The room was decorated in soft neutral colors—light grays and cream. The only real contrast in the hotel suite came from a black-and-white-checked blanket folded neatly across the foot of the bed. I brought one bag with me from Paris—everything else was being shipped—and my clothes were neatly in place in a small wood-lined walk-in closet in the bedroom.
It was the most luxurious suite I’d ever stayed in, and in February of 2000 it became the site of my second hotel-room trashing.

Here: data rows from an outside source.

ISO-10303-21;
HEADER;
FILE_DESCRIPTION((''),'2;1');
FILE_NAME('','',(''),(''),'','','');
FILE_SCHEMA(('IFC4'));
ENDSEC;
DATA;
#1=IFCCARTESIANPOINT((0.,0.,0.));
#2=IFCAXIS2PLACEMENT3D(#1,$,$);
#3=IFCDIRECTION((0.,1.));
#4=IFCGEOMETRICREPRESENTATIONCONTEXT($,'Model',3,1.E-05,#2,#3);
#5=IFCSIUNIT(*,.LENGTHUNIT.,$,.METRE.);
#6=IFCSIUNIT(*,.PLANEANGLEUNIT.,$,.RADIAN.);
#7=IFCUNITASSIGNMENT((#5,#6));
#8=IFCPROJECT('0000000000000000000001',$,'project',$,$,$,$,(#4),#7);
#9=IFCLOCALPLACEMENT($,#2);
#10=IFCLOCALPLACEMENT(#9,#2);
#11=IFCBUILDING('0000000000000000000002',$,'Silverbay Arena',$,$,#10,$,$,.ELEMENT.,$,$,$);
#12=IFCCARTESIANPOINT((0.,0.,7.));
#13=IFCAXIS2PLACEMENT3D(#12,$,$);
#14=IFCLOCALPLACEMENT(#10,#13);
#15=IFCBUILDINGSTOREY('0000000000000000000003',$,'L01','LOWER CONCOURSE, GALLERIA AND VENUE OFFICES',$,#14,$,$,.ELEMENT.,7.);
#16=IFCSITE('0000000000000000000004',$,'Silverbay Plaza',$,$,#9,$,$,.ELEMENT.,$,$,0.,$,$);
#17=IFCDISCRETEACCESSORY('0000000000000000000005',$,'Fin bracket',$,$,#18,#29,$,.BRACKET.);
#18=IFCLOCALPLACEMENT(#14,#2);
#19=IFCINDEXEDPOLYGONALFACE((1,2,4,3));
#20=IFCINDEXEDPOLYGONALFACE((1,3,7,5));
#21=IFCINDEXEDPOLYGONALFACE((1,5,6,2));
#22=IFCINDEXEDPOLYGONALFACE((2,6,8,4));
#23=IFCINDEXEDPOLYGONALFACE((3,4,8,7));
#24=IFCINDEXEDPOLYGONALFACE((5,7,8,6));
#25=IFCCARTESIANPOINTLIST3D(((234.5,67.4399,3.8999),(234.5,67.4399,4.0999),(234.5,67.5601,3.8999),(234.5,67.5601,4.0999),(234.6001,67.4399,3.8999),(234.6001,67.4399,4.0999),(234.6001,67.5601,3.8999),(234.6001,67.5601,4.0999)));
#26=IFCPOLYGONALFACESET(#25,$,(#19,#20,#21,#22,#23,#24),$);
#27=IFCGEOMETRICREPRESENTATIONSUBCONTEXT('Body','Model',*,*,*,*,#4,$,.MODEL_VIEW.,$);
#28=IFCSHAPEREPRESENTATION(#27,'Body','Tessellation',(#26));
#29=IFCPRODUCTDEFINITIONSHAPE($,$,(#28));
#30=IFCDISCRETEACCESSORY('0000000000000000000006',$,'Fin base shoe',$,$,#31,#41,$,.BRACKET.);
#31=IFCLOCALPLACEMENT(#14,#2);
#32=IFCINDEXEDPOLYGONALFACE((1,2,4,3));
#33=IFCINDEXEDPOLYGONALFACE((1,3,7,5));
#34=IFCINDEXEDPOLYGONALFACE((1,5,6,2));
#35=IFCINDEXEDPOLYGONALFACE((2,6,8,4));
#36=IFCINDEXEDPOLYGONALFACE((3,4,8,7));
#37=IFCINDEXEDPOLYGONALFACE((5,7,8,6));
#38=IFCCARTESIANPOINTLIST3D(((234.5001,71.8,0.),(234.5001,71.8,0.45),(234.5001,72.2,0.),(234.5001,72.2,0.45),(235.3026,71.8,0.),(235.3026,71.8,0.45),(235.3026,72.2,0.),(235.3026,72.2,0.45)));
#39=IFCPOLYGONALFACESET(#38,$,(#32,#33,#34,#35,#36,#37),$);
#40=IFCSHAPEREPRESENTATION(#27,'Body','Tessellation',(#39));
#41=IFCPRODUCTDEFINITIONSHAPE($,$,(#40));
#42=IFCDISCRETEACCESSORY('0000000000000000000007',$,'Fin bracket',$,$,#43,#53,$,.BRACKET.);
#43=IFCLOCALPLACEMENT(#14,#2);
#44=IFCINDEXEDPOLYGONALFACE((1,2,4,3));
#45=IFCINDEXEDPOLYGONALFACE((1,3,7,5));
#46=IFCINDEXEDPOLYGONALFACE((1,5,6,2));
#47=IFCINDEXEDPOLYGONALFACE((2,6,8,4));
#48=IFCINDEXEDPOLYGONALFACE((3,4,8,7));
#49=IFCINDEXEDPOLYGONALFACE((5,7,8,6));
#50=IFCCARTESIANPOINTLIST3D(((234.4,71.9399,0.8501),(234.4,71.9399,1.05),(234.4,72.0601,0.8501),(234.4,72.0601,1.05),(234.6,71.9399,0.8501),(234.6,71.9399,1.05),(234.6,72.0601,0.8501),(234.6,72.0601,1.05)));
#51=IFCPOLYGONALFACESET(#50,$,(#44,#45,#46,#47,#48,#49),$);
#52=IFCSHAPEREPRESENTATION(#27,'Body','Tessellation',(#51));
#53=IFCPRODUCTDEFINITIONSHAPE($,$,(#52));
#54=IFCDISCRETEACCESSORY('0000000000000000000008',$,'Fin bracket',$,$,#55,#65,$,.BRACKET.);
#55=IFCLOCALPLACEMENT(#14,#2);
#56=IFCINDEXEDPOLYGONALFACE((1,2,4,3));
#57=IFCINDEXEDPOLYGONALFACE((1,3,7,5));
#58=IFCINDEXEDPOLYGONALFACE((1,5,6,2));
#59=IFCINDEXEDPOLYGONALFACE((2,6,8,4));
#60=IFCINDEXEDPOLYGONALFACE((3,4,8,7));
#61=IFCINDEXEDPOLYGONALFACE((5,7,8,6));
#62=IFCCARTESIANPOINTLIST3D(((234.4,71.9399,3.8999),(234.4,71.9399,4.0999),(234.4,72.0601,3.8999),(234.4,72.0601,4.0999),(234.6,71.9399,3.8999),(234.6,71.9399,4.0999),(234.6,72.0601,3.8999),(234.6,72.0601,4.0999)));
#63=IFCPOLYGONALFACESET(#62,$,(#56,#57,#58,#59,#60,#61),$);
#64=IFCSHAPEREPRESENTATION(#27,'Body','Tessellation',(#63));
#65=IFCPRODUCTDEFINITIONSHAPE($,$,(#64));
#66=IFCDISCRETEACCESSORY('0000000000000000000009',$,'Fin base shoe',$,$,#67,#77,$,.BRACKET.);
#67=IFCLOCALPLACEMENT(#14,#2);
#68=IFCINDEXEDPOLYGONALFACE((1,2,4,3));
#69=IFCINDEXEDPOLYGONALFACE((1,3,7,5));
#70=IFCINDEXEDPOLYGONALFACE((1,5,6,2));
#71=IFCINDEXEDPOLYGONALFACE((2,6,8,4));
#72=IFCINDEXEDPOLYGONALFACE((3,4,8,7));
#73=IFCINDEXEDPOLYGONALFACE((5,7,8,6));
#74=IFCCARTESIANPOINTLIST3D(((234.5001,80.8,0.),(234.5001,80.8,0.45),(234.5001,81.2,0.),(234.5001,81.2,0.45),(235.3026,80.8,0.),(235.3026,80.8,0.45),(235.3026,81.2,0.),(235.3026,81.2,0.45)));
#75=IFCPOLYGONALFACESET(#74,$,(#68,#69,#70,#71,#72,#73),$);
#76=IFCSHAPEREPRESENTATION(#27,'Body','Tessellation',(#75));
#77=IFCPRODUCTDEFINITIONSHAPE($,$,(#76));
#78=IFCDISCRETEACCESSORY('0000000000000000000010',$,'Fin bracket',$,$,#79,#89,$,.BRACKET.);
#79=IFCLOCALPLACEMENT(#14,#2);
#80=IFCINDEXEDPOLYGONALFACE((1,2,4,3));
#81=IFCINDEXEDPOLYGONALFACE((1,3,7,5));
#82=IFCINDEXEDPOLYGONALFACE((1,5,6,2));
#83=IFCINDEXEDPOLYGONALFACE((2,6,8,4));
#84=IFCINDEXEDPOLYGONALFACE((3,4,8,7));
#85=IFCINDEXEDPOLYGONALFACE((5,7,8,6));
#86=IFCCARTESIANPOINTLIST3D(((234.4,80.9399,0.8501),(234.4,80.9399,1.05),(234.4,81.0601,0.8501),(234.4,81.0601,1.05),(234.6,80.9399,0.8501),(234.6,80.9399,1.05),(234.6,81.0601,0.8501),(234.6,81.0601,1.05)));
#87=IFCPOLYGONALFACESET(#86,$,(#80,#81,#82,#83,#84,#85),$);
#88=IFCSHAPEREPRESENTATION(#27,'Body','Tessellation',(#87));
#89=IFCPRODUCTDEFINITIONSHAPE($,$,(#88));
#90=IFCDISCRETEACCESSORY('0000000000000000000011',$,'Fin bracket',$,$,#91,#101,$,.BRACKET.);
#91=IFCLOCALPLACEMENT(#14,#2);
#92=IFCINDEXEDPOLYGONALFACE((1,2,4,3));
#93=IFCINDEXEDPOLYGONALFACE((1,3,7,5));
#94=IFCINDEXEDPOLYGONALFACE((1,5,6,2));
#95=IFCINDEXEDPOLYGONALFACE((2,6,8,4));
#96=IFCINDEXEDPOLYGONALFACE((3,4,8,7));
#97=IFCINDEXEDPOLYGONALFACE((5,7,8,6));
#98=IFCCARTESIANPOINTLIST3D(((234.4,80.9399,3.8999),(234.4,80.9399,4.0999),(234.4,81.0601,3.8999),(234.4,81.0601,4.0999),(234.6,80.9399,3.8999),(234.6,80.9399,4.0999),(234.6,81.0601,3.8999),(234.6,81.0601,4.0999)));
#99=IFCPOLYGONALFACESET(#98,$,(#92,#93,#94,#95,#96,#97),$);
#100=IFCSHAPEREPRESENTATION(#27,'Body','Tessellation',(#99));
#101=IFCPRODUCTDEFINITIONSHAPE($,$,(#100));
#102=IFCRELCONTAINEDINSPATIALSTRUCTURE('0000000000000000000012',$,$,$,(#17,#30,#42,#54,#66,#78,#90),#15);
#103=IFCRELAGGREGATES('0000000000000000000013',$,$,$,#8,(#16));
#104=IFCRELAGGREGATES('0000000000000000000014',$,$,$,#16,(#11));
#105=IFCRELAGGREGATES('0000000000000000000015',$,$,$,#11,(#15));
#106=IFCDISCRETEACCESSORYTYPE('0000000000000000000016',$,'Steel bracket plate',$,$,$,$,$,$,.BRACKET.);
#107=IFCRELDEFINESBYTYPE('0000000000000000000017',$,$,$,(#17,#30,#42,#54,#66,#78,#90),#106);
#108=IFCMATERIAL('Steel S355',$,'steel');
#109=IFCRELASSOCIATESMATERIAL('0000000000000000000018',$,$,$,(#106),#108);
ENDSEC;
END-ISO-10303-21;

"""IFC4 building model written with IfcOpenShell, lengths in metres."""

from ifc_helpers import new_model, si_unit, direction, frame, origin, origin_2d, place, context, subcontext, project, spatial, rectangle, extrude, material, type_object, element, save


model = new_model("IFC4")

# Units and contexts
model_context = context("Model", 3, precision=1e-05, world=origin(), true_north=direction((0.0, 1.0)))
body_context = subcontext(model_context, "Body", "Model", "MODEL_VIEW")
ifc_project = project(units=[si_unit("LENGTHUNIT", "METRE"), si_unit("PLANEANGLEUNIT", "RADIAN")], contexts=[model_context])

# Site, building, storey
site_placement = place(None, origin())
site = spatial("IfcSite", under=ifc_project, at=site_placement, Name="Silverbay Plaza", CompositionType="ELEMENT", RefElevation=0.0)
building_placement = place(site_placement, origin())
building = spatial("IfcBuilding", under=site, at=building_placement, Name="Silverbay Arena", CompositionType="ELEMENT")
storey_placement = place(building_placement, frame((0.0, 0.0, 7.0)))
storey = spatial("IfcBuildingStorey", under=building, at=storey_placement, Name="L01", Description="LOWER CONCOURSE, GALLERIA AND VENUE OFFICES", CompositionType="ELEMENT", Elevation=7.0)

# Discrete accessories
ifc_material_1 = material(Name="Steel S355", Category="steel")
discrete_accessory_type = type_object("IfcDiscreteAccessoryType", Name="Steel bracket plate", PredefinedType="BRACKET", material=ifc_material_1)
for number, where, z_axis, x_axis, name in (
    (1, (234.55, 67.5, 3.8999), (0.0, 0.0, 1.0), (1.0, 0.0, 0.0), "Fin bracket"),
):
    element("IfcDiscreteAccessory", number, at=place(storey_placement, frame(where, z_axis=z_axis, x_axis=x_axis)), inside=storey, type_object=discrete_accessory_type, Name=name, PredefinedType="BRACKET", context=body_context, shape_type="SweptSolid", body=[
        extrude(rectangle(XDim=0.1001, YDim=0.1201, at=origin_2d()), origin(), (0.0, 0.0, 1.0), 0.2),
    ])
discrete_accessory_1_placement = place(storey_placement, frame((234.9014, 72.0, 0.0), z_axis=(0.0, 0.0, 1.0), x_axis=(1.0, 0.0, 0.0)))
element("IfcDiscreteAccessory", 2, at=discrete_accessory_1_placement, inside=storey, type_object=discrete_accessory_type, Name="Fin base shoe", PredefinedType="BRACKET", context=body_context, shape_type="SweptSolid", body=[
    extrude(rectangle(XDim=0.8025, YDim=0.3999, at=origin_2d()), origin(), (0.0, 0.0, 1.0), 0.45),
])
for number, where, z_axis, x_axis, name in (
    (3, (234.5, 72.0, 0.8501), (0.0, 0.0, 1.0), (1.0, 0.0, 0.0), "Fin bracket"),
    (4, (234.5, 72.0, 3.8999), (0.0, 0.0, 1.0), (1.0, 0.0, 0.0), "Fin bracket"),
):
    element("IfcDiscreteAccessory", number, at=place(storey_placement, frame(where, z_axis=z_axis, x_axis=x_axis)), inside=storey, type_object=discrete_accessory_type, Name=name, PredefinedType="BRACKET", context=body_context, shape_type="SweptSolid", body=[
        extrude(rectangle(XDim=0.2, YDim=0.1201, at=origin_2d()), origin(), (0.0, 0.0, 1.0), 0.2),
    ])
discrete_accessory_2_placement = place(storey_placement, frame((234.9014, 81.0, 0.0), z_axis=(0.0, 0.0, 1.0), x_axis=(1.0, 0.0, 0.0)))
element("IfcDiscreteAccessory", 5, at=discrete_accessory_2_placement, inside=storey, type_object=discrete_accessory_type, Name="Fin base shoe", PredefinedType="BRACKET", context=body_context, shape_type="SweptSolid", body=[
    extrude(rectangle(XDim=0.8025, YDim=0.3999, at=origin_2d()), origin(), (0.0, 0.0, 1.0), 0.45),
])
for number, where, z_axis, x_axis, name in (
    (6, (234.5, 81.0, 0.8501), (0.0, 0.0, 1.0), (1.0, 0.0, 0.0), "Fin bracket"),
    (7, (234.5, 81.0, 3.8999), (0.0, 0.0, 1.0), (1.0, 0.0, 0.0), "Fin bracket"),
):
    element("IfcDiscreteAccessory", number, at=place(storey_placement, frame(where, z_axis=z_axis, x_axis=x_axis)), inside=storey, type_object=discrete_accessory_type, Name=name, PredefinedType="BRACKET", context=body_context, shape_type="SweptSolid", body=[
        extrude(rectangle(XDim=0.2, YDim=0.1201, at=origin_2d()), origin(), (0.0, 0.0, 1.0), 0.2),
    ])

save(model, "model.ifc")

I’d first heard of the Morgans Hotel during my freshman year of college. My girlfriend Rachel’s wealthy aunt Becca used to stay there when she visited from Beverly Hills. We picked her up there once on our way to a fondue place uptown. The paparazzi were gathered out front waiting for celebrities. I remember thinking that was the coolest thing I’d ever seen. It was even cooler than seeing Matt Dillon and Sean Young right outside of my freshman dorm on lower Fifth Avenue one night while they were shooting a scene from some forgettable movie. (Dillon asked out one of the girls on my floor while she was outside watching them film, making her something of a celebrity at Rubin Hall.)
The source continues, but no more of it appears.